As ciências humanas e sociais também não escapam dessa crítica. O ser humano visto como indivíduo ou grupo é objeto de pesquisa para ser definido, classificado, curado, educado, normalizado no corpo e na mente. Como não lembrar aqui das políticas contemporâneas identitárias que, tendo sua origem na política de defesas de interesses coletivos contra o poder, correm o risco de serem repressivas e moralistas. A crítica da psicanálise lacaniana é muito próxima, quando preconiza a singularidade em detrimento da classificação e da universalização dos tratamentos cognitivos comportamentais e quando vê o corpo humano como um corpo sexuado.
A crítica de Foucault em relação à exclusão dos psicóticos em sanatórios deu sua contribuição para o movimento antimanicomial, paradoxalmente libertador, quando acaba com o horror dos manicômios e arriscado, quando precariza o tratamento. Por outro lado, como não lembrar nesse contexto da psicanálise de Sigmund Freud, para quem a psicose é uma solução para conflitos inconscientes insolúveis, e de Jacques Lacan para quem “todos deliramos”. A proximidade de Foucault com a psicanálise, no mínimo cautelosa com as classificações, salta aos olhos.
Foucault se coloca na tradição da filosofia da suspeita. Em 1975, dedica um ensaio a Nietzsche, Freud e Marx. O que autores tão diferentes teriam em comum? Os três, cada um a seu modo, denunciam a alienação. Karl Marx denuncia como ideologia alienante o discurso da classe dominante a cada momento histórico. Friedrich Nietzsche se volta contra o “niilismo” dos que abstraem ideias racionais dos afetos e da arte. Sigmund Freud chega a chocar seus contemporâneos, quando divulga sua descoberta de que “não somos donos em nossa casa da razão”. A conclusão de Foucault é que uma sociedade inteira (a moderna) se constrói e se mantém a partir do que podemos chamar de recalque do anormal, da loucura e da doença, pressupondo o reino da razão.

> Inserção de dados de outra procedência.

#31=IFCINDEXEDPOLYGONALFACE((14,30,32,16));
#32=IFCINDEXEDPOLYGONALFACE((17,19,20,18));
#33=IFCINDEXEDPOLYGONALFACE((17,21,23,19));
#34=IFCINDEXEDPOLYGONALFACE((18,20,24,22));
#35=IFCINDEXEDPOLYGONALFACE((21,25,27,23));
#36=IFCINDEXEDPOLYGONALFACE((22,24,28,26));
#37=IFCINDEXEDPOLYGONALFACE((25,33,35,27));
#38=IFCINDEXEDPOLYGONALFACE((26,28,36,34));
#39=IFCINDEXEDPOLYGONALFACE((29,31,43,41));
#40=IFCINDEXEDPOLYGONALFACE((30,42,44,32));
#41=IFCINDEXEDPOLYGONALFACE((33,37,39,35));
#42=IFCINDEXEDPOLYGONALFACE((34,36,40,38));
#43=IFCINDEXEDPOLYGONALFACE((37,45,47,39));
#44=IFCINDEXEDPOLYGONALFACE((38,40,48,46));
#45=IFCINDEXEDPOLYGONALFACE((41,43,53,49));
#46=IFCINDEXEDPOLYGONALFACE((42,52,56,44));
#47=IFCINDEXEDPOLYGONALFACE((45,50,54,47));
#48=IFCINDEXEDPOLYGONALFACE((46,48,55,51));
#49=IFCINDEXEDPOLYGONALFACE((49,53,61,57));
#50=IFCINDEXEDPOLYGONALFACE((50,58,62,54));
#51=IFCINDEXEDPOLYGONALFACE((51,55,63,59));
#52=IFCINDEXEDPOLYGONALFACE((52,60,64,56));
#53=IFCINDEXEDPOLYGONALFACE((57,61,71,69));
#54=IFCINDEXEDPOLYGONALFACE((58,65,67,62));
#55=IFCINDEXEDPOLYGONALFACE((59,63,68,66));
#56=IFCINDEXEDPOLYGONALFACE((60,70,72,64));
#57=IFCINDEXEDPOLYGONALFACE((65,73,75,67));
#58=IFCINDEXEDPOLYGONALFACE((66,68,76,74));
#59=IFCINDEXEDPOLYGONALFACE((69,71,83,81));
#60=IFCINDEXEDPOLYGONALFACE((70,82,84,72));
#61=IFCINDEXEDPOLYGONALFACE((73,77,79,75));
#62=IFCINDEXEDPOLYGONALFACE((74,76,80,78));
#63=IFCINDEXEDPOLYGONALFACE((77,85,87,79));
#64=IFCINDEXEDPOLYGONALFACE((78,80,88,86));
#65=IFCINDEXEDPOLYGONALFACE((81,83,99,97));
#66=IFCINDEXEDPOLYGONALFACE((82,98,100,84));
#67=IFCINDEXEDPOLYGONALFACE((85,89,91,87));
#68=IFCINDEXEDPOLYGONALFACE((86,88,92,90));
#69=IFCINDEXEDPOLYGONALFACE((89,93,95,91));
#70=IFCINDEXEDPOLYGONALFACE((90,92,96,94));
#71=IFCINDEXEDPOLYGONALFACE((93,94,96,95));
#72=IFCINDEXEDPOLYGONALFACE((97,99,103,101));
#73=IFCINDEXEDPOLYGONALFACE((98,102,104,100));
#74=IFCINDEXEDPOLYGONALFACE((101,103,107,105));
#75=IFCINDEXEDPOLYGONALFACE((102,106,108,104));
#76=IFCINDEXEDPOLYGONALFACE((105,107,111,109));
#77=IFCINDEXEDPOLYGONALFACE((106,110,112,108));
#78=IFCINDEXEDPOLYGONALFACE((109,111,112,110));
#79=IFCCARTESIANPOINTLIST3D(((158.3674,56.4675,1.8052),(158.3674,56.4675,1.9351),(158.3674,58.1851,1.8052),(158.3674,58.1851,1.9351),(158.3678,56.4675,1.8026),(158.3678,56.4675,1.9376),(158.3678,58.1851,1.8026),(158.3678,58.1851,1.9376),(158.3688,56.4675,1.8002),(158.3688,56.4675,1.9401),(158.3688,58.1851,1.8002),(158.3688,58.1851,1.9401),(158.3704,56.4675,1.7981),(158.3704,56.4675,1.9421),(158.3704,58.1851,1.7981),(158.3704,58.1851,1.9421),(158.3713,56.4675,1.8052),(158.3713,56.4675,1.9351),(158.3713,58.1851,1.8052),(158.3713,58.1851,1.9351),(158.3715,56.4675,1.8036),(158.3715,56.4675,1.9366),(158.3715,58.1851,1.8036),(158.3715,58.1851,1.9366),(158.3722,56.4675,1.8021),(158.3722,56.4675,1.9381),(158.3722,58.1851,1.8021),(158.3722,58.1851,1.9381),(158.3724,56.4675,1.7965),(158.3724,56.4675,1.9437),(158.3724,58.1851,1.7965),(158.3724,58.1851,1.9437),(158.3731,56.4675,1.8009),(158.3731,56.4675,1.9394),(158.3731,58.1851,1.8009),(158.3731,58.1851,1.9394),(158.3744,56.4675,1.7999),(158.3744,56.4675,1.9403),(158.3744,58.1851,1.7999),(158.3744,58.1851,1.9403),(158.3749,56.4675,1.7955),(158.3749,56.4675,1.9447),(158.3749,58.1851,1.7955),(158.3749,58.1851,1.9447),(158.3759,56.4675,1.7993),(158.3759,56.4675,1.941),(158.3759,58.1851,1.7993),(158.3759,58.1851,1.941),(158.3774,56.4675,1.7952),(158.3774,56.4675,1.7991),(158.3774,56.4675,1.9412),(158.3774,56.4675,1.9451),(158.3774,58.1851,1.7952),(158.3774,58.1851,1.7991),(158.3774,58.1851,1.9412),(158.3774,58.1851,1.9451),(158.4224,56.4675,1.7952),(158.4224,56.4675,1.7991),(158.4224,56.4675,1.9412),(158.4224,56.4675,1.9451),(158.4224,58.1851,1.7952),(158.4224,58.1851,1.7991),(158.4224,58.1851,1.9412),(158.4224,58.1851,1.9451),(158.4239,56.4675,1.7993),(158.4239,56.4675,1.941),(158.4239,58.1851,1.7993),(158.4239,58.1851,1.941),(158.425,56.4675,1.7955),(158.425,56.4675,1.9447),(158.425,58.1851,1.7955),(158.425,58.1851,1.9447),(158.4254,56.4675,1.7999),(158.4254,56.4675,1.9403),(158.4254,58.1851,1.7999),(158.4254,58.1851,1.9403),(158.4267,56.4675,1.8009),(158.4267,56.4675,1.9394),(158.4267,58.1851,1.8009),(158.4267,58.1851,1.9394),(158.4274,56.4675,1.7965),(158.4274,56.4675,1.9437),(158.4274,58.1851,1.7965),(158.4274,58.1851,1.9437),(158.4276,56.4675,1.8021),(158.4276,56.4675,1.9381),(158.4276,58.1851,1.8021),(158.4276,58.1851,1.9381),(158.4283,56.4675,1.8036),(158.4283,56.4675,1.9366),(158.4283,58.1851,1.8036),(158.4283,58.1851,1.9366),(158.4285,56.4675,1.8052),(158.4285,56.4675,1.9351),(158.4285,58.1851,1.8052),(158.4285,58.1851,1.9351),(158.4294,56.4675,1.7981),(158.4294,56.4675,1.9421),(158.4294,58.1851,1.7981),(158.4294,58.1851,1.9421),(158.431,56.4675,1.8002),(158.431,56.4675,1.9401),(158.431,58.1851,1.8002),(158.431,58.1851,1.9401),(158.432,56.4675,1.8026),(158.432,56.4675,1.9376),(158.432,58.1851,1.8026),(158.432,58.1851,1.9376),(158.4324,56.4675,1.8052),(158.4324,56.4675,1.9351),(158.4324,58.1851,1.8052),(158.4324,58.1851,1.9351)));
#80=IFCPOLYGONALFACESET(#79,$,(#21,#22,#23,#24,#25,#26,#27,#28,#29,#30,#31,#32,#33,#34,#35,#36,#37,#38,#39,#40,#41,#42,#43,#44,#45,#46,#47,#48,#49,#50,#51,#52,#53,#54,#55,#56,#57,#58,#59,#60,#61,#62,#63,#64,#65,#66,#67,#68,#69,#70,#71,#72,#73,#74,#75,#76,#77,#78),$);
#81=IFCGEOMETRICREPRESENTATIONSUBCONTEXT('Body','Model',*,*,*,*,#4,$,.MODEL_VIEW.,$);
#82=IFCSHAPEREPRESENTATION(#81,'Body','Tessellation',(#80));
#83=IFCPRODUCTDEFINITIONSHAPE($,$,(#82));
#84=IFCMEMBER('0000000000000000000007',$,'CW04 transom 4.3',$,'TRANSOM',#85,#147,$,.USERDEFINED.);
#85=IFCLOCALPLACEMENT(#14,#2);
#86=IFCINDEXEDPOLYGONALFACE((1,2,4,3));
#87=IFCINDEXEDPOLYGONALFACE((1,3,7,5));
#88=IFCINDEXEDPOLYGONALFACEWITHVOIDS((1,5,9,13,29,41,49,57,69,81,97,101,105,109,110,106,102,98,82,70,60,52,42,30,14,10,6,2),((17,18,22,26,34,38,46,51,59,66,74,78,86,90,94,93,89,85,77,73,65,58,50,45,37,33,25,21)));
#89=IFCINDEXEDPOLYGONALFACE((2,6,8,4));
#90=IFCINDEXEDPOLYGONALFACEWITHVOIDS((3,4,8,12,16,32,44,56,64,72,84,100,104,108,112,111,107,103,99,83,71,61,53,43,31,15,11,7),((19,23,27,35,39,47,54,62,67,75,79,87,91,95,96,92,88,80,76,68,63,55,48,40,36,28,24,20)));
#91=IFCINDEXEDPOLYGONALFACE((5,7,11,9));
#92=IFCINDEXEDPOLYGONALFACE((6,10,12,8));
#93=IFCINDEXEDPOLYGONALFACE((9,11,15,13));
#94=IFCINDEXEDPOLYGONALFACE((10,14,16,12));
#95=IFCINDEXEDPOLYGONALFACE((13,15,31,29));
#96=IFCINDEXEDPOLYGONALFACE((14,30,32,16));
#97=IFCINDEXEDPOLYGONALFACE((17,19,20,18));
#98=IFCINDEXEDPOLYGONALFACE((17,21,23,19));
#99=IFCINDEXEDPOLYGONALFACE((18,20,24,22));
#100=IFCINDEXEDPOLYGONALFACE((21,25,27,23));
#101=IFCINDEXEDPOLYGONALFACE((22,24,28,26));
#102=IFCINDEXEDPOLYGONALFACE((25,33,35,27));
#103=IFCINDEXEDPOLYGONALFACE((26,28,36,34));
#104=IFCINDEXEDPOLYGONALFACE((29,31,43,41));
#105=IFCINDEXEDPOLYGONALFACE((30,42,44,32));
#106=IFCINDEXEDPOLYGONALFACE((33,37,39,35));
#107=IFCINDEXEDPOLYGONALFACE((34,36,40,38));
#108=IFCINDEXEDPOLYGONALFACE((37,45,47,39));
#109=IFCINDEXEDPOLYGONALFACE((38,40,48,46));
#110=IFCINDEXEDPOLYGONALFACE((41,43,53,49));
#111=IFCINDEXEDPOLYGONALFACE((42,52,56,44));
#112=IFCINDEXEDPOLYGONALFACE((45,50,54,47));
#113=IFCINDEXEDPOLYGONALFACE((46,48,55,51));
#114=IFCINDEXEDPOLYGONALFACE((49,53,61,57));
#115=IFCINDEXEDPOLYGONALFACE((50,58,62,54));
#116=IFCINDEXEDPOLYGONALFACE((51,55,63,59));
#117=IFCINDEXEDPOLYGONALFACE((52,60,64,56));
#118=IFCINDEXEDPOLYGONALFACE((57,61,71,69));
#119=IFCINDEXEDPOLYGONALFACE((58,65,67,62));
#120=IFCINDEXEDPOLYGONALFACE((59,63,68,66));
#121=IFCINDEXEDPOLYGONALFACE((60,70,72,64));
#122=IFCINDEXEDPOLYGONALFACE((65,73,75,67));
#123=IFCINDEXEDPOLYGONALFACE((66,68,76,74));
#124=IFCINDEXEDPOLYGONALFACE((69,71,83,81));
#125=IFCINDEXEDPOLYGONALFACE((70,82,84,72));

Como escapar do controle dos que detêm o conhecimento? Chegamos no pomo da discórdia de Luc Ferry com Michel Foucault. Este alega que os seres humanos apesar do controle sobre seus corpos e suas mentes têm um desejo de autocompreensão, de “cuidar de si”, de seu corpo, de sua mente, de sua sexualidade. Mas, como conhecer a si mesmo e o outro, como sair da alienação sem cair na cilada do “culto de si mesmo” e do “narcisismo”?
A psicanálise lacaniana dá uma resposta além da teoria da desconstrução. Na contramão da alienação, ela promove a quebra das identificações e a libertação do desejo sem, no entanto, deixar o ser humano à sua própria sorte. Apesar da desalienação e do convite às possibilidades de criação de um outro jeito de se viver a existência, a psicanálise, como ensina Jorge Forbes, não dispensa da responsabilidade por si e pelo outro e, com isso, vai na contramão do culto de si mesmo e do narcisismo.
Obras consultadas:
FERRY, L. La vie heureuse : sagesses anciennes et spiritualité laïque. Paris : L´Observatoire, 2022.
FORBES, J. Inconsciente e responsabilidade: psicanálise do século XXI. São Paulo: Manole, 2012.
FOUCAULT, M. Nietzsche, Freud , Marx. Trad. J. Lima Barreto. São Paulo: Princípio, 1997.
FOUCAULT, M. Vigiar e punir: nascimento da prisão. Trad. L. M. Pondé Vassallo. Petrópolis : Vozes, 1986.
GARVEY, J. & STANGROOM, J. A história da filosofia. Trad. C. Cupertino. São Paulo: Octavo, 2013.
HELFERICH, C. Geschichte der Philosophie: von den Anfängen bis zur Gegenwart und östliches Denken. München: DTV, 1998.